In one of the upstairs galleries they had a large collection
of wedding photos spanning almost one hundred years showing how the
ceremonies had changed over time. It was a fascinating insight into
the changing times in Vietnam but it also made me feel sad as well.
The older photos were from a time when arranged marriages were still
the norm. Weddings were simple ceremonies and at the end the bride
was escorted to her husband’s house to become part of his family.
Almost without exception the brides in these photos looked very
unhappy and very apprehensive about what was in store for them.

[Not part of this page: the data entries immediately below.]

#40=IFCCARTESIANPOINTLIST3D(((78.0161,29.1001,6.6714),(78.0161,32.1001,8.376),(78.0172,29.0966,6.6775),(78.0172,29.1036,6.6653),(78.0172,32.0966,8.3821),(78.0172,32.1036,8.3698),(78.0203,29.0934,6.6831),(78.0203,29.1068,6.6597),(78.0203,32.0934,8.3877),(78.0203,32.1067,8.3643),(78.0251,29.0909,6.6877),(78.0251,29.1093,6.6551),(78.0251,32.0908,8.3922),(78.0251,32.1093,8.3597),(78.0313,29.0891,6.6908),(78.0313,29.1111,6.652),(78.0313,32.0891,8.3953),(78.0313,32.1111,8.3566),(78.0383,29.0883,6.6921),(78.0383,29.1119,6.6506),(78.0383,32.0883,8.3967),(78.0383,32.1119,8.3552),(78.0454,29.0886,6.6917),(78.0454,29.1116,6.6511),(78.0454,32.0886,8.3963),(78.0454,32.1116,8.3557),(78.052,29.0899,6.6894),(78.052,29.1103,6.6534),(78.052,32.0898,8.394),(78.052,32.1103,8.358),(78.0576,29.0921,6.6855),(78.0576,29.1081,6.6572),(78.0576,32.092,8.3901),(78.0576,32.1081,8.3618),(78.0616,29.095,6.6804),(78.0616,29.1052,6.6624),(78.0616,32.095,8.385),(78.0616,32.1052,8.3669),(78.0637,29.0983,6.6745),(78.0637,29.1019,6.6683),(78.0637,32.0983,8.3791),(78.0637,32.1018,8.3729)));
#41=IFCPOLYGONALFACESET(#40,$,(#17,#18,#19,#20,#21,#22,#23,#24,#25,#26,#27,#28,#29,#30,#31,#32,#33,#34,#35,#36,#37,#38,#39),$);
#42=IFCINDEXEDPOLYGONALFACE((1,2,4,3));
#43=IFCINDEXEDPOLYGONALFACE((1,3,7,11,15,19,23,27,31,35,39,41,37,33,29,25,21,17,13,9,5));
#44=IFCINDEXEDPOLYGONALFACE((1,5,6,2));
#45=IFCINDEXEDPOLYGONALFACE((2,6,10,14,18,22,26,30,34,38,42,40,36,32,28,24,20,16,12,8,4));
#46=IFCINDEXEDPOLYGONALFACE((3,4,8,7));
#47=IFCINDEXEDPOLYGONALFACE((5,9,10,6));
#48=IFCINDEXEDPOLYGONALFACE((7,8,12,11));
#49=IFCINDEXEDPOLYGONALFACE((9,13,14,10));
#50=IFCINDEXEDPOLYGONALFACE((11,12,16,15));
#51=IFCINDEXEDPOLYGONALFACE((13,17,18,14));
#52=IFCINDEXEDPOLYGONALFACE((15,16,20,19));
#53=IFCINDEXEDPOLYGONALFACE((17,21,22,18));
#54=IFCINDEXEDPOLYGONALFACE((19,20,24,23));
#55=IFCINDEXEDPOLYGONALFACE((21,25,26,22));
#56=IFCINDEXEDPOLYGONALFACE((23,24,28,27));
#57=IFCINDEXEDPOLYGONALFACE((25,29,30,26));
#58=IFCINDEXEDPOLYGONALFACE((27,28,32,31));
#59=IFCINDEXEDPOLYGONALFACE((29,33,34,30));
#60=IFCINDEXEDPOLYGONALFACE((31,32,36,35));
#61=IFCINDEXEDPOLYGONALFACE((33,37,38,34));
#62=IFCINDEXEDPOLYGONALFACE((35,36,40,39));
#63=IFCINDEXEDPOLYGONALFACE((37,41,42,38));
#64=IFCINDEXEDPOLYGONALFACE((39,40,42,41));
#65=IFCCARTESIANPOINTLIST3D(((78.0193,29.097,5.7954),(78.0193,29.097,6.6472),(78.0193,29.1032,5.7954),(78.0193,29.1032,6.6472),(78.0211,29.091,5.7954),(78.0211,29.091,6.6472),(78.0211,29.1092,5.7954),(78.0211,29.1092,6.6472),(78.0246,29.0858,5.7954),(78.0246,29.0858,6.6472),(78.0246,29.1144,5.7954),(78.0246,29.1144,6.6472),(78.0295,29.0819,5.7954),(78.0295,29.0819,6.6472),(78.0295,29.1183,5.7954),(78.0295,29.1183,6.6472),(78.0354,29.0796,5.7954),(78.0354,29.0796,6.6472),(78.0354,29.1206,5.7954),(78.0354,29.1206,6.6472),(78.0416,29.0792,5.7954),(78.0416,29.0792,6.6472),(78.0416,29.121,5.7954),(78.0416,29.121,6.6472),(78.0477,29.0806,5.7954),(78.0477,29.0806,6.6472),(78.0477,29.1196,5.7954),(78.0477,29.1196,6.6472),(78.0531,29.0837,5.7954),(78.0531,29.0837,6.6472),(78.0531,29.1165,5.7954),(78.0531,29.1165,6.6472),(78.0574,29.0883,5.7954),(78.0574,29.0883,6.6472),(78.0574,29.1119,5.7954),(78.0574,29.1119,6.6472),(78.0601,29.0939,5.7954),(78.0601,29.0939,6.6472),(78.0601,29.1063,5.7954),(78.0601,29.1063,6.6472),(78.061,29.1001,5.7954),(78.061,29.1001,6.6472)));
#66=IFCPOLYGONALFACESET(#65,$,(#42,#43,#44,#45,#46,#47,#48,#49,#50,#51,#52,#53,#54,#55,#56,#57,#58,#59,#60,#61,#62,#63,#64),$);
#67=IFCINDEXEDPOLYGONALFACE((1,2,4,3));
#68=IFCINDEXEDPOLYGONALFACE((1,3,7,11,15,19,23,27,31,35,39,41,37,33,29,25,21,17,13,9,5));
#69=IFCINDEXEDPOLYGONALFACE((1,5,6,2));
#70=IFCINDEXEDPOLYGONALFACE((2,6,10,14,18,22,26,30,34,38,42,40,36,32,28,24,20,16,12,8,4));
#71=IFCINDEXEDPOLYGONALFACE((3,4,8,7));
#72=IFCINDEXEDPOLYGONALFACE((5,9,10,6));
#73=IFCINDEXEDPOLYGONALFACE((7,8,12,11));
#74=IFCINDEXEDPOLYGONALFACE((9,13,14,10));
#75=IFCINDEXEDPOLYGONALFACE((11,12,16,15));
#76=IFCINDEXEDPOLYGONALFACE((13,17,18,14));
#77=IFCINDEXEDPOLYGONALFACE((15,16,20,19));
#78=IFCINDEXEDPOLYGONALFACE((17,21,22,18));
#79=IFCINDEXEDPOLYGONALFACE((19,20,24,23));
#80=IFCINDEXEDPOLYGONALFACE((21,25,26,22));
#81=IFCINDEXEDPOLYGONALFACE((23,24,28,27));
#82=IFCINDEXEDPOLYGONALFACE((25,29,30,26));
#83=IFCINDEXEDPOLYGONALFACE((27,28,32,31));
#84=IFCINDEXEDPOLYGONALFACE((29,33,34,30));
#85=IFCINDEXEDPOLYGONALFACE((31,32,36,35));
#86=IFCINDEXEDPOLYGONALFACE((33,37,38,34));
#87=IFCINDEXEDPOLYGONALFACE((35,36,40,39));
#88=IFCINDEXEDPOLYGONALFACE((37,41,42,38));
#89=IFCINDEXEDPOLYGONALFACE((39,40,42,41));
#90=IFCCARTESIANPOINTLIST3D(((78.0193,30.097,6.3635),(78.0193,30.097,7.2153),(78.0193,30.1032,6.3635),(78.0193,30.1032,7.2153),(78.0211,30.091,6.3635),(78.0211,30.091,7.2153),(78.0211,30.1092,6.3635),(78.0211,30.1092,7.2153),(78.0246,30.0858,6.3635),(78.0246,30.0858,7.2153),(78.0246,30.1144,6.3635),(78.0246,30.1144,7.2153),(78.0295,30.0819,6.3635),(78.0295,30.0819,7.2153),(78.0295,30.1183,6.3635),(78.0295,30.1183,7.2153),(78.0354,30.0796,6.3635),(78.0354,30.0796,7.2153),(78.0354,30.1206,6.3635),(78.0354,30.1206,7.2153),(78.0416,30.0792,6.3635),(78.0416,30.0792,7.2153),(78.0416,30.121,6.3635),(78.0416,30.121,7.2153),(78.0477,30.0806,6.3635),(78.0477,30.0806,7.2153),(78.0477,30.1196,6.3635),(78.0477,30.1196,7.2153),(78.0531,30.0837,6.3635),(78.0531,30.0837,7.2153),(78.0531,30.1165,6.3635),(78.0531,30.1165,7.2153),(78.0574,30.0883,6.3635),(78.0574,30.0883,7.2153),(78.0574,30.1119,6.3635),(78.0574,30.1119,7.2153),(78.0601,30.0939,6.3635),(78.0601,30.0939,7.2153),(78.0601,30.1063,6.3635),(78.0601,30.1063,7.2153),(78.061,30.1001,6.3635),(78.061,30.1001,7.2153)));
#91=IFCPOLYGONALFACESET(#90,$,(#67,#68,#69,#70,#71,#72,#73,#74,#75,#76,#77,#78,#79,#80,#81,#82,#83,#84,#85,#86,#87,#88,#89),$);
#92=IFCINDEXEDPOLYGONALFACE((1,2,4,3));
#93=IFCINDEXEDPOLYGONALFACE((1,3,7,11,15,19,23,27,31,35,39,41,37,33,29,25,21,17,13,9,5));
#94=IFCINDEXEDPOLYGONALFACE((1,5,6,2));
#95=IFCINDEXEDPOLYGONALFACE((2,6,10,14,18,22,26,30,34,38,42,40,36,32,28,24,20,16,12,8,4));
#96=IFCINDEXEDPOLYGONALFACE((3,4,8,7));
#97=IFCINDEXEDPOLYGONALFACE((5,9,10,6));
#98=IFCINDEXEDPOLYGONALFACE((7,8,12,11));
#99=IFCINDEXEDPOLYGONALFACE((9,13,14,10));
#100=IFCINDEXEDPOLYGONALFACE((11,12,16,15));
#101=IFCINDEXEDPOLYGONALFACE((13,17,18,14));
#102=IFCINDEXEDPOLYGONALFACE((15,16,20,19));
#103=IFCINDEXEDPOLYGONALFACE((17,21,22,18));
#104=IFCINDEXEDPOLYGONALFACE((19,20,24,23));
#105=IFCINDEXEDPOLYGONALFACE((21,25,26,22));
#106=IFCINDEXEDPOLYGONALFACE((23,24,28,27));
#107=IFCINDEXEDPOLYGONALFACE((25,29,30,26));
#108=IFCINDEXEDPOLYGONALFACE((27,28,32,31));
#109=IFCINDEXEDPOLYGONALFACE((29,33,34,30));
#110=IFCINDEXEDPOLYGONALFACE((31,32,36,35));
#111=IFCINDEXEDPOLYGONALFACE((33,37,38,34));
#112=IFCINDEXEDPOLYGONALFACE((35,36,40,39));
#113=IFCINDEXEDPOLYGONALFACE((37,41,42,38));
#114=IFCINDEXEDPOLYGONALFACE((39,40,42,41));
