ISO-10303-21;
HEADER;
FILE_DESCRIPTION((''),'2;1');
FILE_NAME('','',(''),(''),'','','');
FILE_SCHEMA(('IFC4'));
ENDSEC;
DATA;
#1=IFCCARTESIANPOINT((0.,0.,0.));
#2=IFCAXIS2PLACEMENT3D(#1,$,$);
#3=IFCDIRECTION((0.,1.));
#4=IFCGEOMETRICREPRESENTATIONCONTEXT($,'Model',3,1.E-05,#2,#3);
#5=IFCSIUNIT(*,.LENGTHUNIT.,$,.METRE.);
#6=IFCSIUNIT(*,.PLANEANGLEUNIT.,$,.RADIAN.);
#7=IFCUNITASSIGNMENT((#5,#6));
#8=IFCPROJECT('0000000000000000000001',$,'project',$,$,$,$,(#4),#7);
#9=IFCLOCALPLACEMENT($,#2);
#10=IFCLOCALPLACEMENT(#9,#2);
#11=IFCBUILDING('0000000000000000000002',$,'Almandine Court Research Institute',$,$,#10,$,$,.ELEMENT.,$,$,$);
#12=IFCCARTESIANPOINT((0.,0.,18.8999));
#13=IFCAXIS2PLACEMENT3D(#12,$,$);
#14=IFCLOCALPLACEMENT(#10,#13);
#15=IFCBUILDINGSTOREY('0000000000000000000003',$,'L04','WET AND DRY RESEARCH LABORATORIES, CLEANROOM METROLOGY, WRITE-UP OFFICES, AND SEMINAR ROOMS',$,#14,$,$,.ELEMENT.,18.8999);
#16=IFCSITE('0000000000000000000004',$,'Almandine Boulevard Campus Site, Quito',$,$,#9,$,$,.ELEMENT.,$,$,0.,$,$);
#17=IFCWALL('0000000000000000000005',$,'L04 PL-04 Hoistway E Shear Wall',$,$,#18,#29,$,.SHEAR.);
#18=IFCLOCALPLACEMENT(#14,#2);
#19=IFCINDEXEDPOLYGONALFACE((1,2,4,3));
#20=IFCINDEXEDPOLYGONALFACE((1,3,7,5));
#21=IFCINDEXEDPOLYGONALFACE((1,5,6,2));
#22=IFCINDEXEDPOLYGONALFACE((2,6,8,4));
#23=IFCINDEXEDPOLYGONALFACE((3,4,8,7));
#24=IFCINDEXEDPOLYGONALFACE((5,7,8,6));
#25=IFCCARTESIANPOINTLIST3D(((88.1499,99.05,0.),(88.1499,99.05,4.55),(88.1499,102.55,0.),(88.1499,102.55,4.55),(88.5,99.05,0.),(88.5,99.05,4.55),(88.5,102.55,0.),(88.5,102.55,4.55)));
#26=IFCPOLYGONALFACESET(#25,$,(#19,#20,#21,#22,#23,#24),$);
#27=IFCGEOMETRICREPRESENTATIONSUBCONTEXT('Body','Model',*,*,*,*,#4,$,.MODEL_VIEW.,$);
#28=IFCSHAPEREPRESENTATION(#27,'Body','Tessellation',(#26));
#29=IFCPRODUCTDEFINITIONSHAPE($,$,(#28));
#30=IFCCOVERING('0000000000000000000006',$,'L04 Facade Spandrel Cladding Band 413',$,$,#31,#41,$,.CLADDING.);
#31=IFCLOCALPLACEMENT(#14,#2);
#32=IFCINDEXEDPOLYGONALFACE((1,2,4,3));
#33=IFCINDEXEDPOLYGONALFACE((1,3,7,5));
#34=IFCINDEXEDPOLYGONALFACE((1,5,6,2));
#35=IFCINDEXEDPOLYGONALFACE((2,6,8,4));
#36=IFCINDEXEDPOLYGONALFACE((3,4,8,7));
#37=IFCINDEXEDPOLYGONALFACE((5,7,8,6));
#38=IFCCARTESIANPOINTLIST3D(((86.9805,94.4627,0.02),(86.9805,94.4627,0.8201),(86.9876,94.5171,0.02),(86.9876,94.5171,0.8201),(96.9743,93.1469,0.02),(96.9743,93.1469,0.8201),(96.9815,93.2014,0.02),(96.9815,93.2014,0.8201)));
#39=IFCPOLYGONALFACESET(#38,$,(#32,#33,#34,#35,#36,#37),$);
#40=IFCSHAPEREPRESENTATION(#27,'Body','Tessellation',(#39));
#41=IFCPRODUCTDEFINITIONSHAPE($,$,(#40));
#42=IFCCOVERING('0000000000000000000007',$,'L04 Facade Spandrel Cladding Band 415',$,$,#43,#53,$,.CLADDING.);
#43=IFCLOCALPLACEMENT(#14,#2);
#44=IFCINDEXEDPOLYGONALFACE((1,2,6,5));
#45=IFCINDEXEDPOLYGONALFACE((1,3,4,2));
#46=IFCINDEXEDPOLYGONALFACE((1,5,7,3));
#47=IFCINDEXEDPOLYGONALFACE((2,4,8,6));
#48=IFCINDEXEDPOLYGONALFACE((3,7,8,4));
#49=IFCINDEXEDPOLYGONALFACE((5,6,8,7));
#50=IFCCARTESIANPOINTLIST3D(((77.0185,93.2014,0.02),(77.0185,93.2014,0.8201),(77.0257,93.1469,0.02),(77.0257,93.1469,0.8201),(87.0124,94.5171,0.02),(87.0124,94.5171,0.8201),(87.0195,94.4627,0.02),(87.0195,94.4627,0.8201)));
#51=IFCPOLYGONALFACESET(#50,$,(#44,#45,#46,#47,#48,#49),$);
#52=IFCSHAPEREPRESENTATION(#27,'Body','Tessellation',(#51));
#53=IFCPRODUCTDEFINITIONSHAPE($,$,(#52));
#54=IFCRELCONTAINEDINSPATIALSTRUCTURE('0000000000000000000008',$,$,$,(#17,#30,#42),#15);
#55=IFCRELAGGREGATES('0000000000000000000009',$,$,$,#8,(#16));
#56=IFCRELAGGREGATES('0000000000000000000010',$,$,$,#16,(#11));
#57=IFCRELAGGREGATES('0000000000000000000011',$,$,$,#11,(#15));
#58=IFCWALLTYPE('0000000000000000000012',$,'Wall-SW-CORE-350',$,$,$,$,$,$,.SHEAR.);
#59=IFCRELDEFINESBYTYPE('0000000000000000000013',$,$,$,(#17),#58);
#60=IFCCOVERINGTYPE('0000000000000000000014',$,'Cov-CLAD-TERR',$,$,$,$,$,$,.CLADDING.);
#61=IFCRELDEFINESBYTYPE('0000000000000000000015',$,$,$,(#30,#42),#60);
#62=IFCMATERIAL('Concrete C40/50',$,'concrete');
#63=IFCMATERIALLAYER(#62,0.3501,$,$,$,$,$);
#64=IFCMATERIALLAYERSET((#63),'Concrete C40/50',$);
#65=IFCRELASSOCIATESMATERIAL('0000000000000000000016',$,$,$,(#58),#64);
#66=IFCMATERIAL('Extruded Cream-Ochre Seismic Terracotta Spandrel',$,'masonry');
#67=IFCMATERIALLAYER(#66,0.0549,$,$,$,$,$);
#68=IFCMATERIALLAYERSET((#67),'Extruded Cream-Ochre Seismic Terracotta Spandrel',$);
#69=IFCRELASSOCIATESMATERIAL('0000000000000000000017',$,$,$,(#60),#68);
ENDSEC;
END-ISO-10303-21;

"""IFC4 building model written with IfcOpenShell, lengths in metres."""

from ifc_helpers import new_model, si_unit, direction, frame, frame_2d, origin, origin_2d, place, context, subcontext, project, spatial, rectangle, extrude, material, layer, layer_set, type_object, element, save


model = new_model("IFC4")

# Units and contexts
model_context = context("Model", 3, precision=1e-05, world=origin(), true_north=direction((0.0, 1.0)))
body_context = subcontext(model_context, "Body", "Model", "MODEL_VIEW")
ifc_project = project(units=[si_unit("LENGTHUNIT", "METRE"), si_unit("PLANEANGLEUNIT", "RADIAN")], contexts=[model_context])

# Site, building, storey
site_placement = place(None, origin())
site = spatial("IfcSite", under=ifc_project, at=site_placement, Name="Almandine Boulevard Campus Site, Quito", CompositionType="ELEMENT", RefElevation=0.0)
building_placement = place(site_placement, origin())
building = spatial("IfcBuilding", under=site, at=building_placement, Name="Almandine Court Research Institute", CompositionType="ELEMENT")
storey_placement = place(building_placement, frame((0.0, 0.0, 18.8999)))
storey = spatial("IfcBuildingStorey", under=building, at=storey_placement, Name="L04", Description="WET AND DRY RESEARCH LABORATORIES, CLEANROOM METROLOGY, WRITE-UP OFFICES, AND SEMINAR ROOMS", CompositionType="ELEMENT", Elevation=18.8999)

# Wall
ifc_material_1 = material(Name="Concrete C40/50", Category="concrete")
ifc_layer_1 = layer(ifc_material_1, 0.3501)
ifc_layer_set_1 = layer_set([ifc_layer_1], Name="Concrete C40/50")
wall_type_1 = type_object("IfcWallType", Name="Wall-SW-CORE-350", PredefinedType="SHEAR", material=ifc_layer_set_1)
wall_1_placement = place(storey_placement, frame((88.325, 102.55, 0.0), z_axis=(0.0, 0.0, 1.0), x_axis=(0.0, -1.0, 0.0)))
element("IfcWall", 1, at=wall_1_placement, inside=storey, type_object=wall_type_1, Name="L04 PL-04 Hoistway E Shear Wall", PredefinedType="SHEAR", context=body_context, shape_type="SweptSolid", body=[
    extrude(rectangle(XDim=3.5, YDim=0.3501, at=frame_2d((1.75, 0.0))), origin(), (0.0, 0.0, 1.0), 4.55),
])

# Coverings
ifc_material_2 = material(Name="Extruded Cream-Ochre Seismic Terracotta Spandrel", Category="masonry")
ifc_layer_2 = layer(ifc_material_2, 0.0549)
ifc_layer_set_2 = layer_set([ifc_layer_2], Name="Extruded Cream-Ochre Seismic Terracotta Spandrel")
covering_type = type_object("IfcCoveringType", Name="Cov-CLAD-TERR", PredefinedType="CLADDING", material=ifc_layer_set_2)
for number, where, z_axis, x_axis, name in (
    (2, (91.981, 93.832, 0.02), (0.0, 0.0, 1.0), (-0.991445, 0.130526, 0.0), "L04 Facade Spandrel Cladding Band 413"),
    (3, (82.019, 93.832, 0.02), (0.0, 0.0, 1.0), (-0.991445, -0.130526, 0.0), "L04 Facade Spandrel Cladding Band 415"),
):
    element("IfcCovering", number, at=place(storey_placement, frame(where, z_axis=z_axis, x_axis=x_axis)), inside=storey, type_object=covering_type, Name=name, PredefinedType="CLADDING", context=body_context, shape_type="SweptSolid", body=[
        extrude(rectangle(XDim=10.0801, YDim=0.0549, at=origin_2d()), origin(), (0.0, 0.0, 1.0), 0.8),
    ])

save(model, "model.ifc")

As time passes, weddings started to take on a more Western
feel with white dresses, flowers, cars and big celebrations. Somehow
it seems odd to see Asian ladies dressed up in big meringue style
wedding dresses. This though was not interesting as some of the
photos from the early days of the communist regime. These all showed
banners reminding the bride and groom and their assembled guests
that the Party and the country were more important than the
individual. Some of the pictures were from weddings taken during the
war with bride and groom in their military uniforms.
Outside in the gardens are reconstructed houses typical to
some of the ethnic minorities. The Cham house was a cluster of
different buildings (storage, living, sleeping), all within a fenced
in compound for one family. Another was an enormous long house from
the Ede ethnic group, built from bamboo and raised off the ground on
stilts. The stairs from the ground up to the level of the house were
made from a tree trunk with large niches cut out. It was functional
but not the easiest set of steps I have climbed. Inside the long
house the floor was simply bamboo matting resting on bamboo poles.

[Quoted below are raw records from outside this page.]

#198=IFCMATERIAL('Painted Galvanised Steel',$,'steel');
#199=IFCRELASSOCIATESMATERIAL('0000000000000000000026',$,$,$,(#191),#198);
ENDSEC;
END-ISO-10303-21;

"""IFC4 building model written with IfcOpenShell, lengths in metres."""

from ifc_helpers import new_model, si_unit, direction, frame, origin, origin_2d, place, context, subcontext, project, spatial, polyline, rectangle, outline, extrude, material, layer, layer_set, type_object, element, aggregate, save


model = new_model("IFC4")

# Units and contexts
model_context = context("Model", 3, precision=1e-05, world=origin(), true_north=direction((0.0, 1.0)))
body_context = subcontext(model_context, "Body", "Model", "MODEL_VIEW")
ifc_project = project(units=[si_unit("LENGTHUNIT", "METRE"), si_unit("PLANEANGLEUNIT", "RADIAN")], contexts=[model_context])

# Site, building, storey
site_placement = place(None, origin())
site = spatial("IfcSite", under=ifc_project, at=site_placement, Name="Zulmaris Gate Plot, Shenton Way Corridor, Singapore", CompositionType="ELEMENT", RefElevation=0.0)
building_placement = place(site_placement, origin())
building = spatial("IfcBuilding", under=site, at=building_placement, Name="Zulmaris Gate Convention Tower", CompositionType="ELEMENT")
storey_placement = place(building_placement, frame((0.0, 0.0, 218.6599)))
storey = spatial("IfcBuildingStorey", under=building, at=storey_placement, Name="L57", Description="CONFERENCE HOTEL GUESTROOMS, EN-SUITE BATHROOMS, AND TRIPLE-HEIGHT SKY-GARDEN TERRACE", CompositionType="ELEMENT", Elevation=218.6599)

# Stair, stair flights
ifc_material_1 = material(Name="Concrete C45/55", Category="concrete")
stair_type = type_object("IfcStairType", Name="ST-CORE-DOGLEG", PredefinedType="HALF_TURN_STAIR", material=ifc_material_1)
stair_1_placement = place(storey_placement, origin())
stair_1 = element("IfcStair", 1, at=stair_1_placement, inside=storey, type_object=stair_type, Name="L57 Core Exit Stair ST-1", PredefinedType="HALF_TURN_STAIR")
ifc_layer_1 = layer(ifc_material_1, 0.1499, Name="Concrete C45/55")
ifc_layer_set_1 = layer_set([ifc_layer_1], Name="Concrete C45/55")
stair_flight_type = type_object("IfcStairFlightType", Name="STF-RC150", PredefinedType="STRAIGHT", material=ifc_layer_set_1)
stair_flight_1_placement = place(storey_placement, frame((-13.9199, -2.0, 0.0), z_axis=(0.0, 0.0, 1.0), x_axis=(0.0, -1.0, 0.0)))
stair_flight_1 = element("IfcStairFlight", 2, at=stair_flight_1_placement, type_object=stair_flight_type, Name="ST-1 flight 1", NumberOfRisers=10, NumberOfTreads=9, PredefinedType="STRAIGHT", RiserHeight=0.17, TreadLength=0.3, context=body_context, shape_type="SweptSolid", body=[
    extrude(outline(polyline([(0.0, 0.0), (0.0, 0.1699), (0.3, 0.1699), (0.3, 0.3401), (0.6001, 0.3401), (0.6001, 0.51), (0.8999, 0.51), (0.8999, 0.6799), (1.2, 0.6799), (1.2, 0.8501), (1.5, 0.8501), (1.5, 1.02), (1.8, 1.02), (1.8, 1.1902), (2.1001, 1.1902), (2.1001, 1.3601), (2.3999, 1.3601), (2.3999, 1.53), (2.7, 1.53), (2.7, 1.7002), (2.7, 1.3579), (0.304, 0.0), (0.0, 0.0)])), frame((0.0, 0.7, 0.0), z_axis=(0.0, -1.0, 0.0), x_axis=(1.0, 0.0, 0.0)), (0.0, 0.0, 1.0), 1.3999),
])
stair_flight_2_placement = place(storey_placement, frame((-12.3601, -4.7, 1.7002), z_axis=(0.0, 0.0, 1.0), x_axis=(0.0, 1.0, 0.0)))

We were both waiting for it to cave in and give way but it did not.
There was a large communal area for eating and then the rest of the
forty metre long house was divided into smaller rooms for the
families of each of the daughters and granddaughters of the extended
family.
The Bahnar communal house was raised on a much higher
platform, about four or five metres off the ground and in total from
the ground was about twenty three metres in height. I wished there
was someone who could explain why the house was so high because
there were no separate floor levels inside. It was simply a
rectangular pyramid shaped construction with just one open room
inside. The Tay house, again on stilts and built from bamboo, the
main room was in the centre of the house and round the edges were
smaller areas, some with bamboo walls to give some privacy, for the
sons, father, mother, daughter and newlywed couple.
The evening found us back in town at the Water Puppet Theatre,
a typical North Vietnamese form of entertainment. A small orchestra
were on one side of the stage and the rest is given over to a large
pool of water, coloured green to hide the mechanisms for the
puppets. The backdrop is a bamboo style house which hides the
puppeteers from view. The puppets are made of a buoyant type of wood
and are manoeuvred around on large poles with strings attached to
some of their limbs for more animation. The puppeteers are
themselves stood waist deep in the water for the duration of the
show.
Lasting about an hour the show runs through different scenes from
everyday village life and it is a riot of colour and laughs. The
puppets, quite rough in design, are brightly painted and some
breathe fire thanks to fireworks attached inside their mouths. A boy
wanders across the rice paddies on the back of his water buffalo
playing his flute, men are out fishing trying to catch very animated
and golden fish. A fox chases ducks, lions and phoenixes dance, a
student returns home after graduation and thanks his ancestors and
boats race each other across the stage. It was great fun to watch
and is a must if you ever visit Hanoi.